AT&T is mulling the launch of mobile phone services that are subsidised by advertising, according to reports.
The US operator’s chief executive told Reuters that it could offer customers small discounts on their phone bills in return for viewing advertising in the next year or two. “I believe there’s a segment of our customer base where given a choice, they would take some load of advertising for a $5 or $10 reduction in their mobile bill,” the newswire quoted Stankey as saying.
You could be forgiven for immediately thinking ‘that won’t work’. AT&T is far from the first to suggest such a move; there have been many such attempts in the global mobile industry over the past ten years or so, and the success rate is not high.
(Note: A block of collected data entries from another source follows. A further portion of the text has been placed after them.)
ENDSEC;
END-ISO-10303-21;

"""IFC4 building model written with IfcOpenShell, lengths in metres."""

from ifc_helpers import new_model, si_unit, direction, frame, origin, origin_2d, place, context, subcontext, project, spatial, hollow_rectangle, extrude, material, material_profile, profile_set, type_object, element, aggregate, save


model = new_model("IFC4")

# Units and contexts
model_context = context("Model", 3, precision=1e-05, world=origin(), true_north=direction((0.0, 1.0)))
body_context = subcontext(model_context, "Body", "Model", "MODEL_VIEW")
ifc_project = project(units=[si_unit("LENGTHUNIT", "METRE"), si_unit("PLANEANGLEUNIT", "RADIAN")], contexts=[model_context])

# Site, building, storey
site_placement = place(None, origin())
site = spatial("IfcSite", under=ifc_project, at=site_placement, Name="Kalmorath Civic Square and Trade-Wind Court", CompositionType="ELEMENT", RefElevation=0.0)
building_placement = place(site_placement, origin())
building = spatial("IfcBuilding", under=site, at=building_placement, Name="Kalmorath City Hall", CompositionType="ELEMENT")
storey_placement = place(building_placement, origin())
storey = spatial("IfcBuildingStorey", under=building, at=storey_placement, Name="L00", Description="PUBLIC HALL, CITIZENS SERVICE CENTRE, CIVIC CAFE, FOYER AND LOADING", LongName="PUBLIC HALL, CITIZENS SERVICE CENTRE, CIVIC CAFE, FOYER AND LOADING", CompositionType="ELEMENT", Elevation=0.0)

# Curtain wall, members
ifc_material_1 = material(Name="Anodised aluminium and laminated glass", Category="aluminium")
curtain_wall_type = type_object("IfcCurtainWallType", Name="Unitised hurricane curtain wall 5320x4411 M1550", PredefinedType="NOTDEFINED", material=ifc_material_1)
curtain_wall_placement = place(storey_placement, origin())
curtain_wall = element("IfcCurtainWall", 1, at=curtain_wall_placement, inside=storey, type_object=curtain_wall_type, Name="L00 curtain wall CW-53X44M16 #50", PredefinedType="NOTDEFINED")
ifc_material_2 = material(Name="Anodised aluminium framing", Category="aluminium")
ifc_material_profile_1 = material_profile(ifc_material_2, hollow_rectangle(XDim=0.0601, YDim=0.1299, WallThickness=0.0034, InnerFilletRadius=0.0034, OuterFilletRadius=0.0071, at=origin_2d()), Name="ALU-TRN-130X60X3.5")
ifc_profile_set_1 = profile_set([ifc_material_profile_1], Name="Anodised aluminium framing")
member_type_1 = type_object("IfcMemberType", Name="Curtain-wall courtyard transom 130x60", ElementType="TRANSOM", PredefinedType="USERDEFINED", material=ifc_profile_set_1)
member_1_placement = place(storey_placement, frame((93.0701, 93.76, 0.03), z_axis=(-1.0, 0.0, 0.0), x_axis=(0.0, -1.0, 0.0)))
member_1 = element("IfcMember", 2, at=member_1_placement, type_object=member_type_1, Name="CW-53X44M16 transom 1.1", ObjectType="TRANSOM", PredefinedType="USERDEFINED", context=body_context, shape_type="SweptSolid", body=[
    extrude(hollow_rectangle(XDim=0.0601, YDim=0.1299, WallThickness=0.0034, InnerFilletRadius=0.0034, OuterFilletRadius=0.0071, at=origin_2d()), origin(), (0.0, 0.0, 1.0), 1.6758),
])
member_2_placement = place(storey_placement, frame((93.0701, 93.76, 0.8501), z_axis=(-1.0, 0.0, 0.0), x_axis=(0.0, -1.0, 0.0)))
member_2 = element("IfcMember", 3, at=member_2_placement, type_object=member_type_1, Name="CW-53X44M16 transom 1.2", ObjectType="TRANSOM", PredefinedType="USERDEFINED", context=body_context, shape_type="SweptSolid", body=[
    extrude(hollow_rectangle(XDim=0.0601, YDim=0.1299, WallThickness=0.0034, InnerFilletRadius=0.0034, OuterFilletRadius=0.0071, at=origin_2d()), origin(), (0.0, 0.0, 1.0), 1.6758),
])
The most famous this side of the pond was ad-funded mobile service Blyk, which launched in 2007, offering young people free voice minutes and messages in return for receiving adverts, but shut down two years later and reinvented itself as an ad platform, partnering with Orange and others. (Take a trip down Telecoms.com’s memory lane here.)
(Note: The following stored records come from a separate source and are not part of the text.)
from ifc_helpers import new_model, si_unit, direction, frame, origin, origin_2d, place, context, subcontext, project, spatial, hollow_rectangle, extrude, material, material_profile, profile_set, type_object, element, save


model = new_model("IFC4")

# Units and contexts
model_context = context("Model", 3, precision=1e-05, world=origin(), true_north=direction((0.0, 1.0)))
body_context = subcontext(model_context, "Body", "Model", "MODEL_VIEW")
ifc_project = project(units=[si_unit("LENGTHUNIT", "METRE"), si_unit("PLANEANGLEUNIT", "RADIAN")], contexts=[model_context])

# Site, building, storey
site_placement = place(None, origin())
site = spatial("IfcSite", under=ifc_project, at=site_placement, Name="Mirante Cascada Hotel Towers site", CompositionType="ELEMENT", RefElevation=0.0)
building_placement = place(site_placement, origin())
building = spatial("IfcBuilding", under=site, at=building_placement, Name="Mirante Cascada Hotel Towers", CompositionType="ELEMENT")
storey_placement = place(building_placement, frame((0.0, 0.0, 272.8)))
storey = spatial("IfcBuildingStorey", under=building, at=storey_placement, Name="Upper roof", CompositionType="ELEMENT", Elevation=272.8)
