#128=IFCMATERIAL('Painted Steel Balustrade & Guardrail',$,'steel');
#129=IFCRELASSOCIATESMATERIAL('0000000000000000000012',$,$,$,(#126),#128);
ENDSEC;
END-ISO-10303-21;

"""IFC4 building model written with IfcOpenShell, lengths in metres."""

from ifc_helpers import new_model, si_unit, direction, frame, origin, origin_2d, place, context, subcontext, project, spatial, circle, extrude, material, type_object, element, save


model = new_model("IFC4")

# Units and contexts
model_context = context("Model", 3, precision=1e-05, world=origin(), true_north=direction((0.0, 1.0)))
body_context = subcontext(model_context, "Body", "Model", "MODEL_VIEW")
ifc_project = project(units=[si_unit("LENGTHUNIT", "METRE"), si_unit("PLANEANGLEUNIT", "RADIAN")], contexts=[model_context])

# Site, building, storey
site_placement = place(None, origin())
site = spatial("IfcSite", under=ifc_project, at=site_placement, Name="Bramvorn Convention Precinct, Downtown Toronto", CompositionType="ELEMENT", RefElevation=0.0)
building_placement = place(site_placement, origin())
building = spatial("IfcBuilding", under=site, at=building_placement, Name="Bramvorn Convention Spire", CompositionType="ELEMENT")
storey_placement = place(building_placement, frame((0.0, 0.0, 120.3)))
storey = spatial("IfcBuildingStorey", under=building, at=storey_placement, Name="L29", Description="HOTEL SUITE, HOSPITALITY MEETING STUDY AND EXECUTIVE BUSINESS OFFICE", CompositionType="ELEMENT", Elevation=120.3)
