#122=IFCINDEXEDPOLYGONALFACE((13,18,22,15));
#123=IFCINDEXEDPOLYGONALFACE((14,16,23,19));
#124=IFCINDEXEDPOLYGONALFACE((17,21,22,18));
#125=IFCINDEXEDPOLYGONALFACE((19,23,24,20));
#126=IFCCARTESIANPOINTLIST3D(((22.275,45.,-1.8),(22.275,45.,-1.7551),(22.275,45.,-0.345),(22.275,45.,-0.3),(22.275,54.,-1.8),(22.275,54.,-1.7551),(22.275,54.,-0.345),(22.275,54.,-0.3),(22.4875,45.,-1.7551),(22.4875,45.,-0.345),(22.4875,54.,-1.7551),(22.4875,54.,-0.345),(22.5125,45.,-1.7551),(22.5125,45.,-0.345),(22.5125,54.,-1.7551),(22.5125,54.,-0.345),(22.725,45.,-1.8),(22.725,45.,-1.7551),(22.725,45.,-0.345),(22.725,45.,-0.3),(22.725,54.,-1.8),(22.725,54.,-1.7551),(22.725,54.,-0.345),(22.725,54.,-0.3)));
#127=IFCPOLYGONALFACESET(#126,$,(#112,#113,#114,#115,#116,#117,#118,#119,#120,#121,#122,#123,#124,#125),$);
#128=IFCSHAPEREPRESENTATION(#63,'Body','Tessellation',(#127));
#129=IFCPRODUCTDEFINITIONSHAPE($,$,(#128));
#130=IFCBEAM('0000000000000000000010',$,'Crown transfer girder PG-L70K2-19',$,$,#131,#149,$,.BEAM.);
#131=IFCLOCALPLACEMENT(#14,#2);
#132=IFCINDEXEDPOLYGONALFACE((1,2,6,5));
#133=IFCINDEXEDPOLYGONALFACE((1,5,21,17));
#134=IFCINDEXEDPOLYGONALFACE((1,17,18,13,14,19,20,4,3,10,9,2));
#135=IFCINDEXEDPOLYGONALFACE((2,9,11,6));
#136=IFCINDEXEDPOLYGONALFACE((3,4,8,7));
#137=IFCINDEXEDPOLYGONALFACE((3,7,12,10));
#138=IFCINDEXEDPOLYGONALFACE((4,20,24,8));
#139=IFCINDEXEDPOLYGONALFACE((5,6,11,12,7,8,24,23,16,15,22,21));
Blyk may have been one of the first, but it certainly wasn’t the last to try the advertising model. Many others have come and gone, or faded into obscurity, in the UK, the US and elsewhere since 2009. But is has become – perhaps unfairly; its subscription and advertising response figures looked decent – the poster child for the ‘ad-funded mobile services don’t work’ school of thought.
A lot has changed in the mobile industry over the past decade; data consumption is now through the roof, to give one example. And this could actually be a good time to look again at subsidising services through advertising, particularly in a market like the US, where prices are high. With a global recession looming, it could be that AT&T has chosen the right moment to look at this model, in anticipation of many potential customers becoming much more price-sensitive.
Indeed, it’s worth noting that arch-rival Verizon is making a new play for the prepaid space with the acquisition of Tracfone, announced earlier this week. While the Covid-19 pandemic has highlighted the important of communications technology, that is not to say that consumers won’t look to save a buck or two on their bills in the coming few years.
Of course, there are doubtless other drivers for AT&T. To say the telco has spent big on M&A in recent years would be a massive understatement, picking up content and media businesses, as well as advertising assets. It has merged many of those assets into its Xandr unit, which operates across the digital, TV and film spaces, although there are reports that that business could now be up for sale as part of a debt-reduction exercise.
That said, advertising is a key element of the telco’s broader strategy. As the Reuters report points out, AT&T is planning to roll out an advertising-backed version of its HBO Max video streaming service next year. Stankey described that as a foundational element of AT&T’s plan that will provide new ad inventory and will be linked to the new ad-funded mobile phone plans. AT&T is aiming for a highly targeted style of ad delivery that will track users across multiple devices, the CEO explained.
We’re clearly looking at something more sophisticated than watching a static ad for fast food pop up on your home screen before you’re able to ring your mum.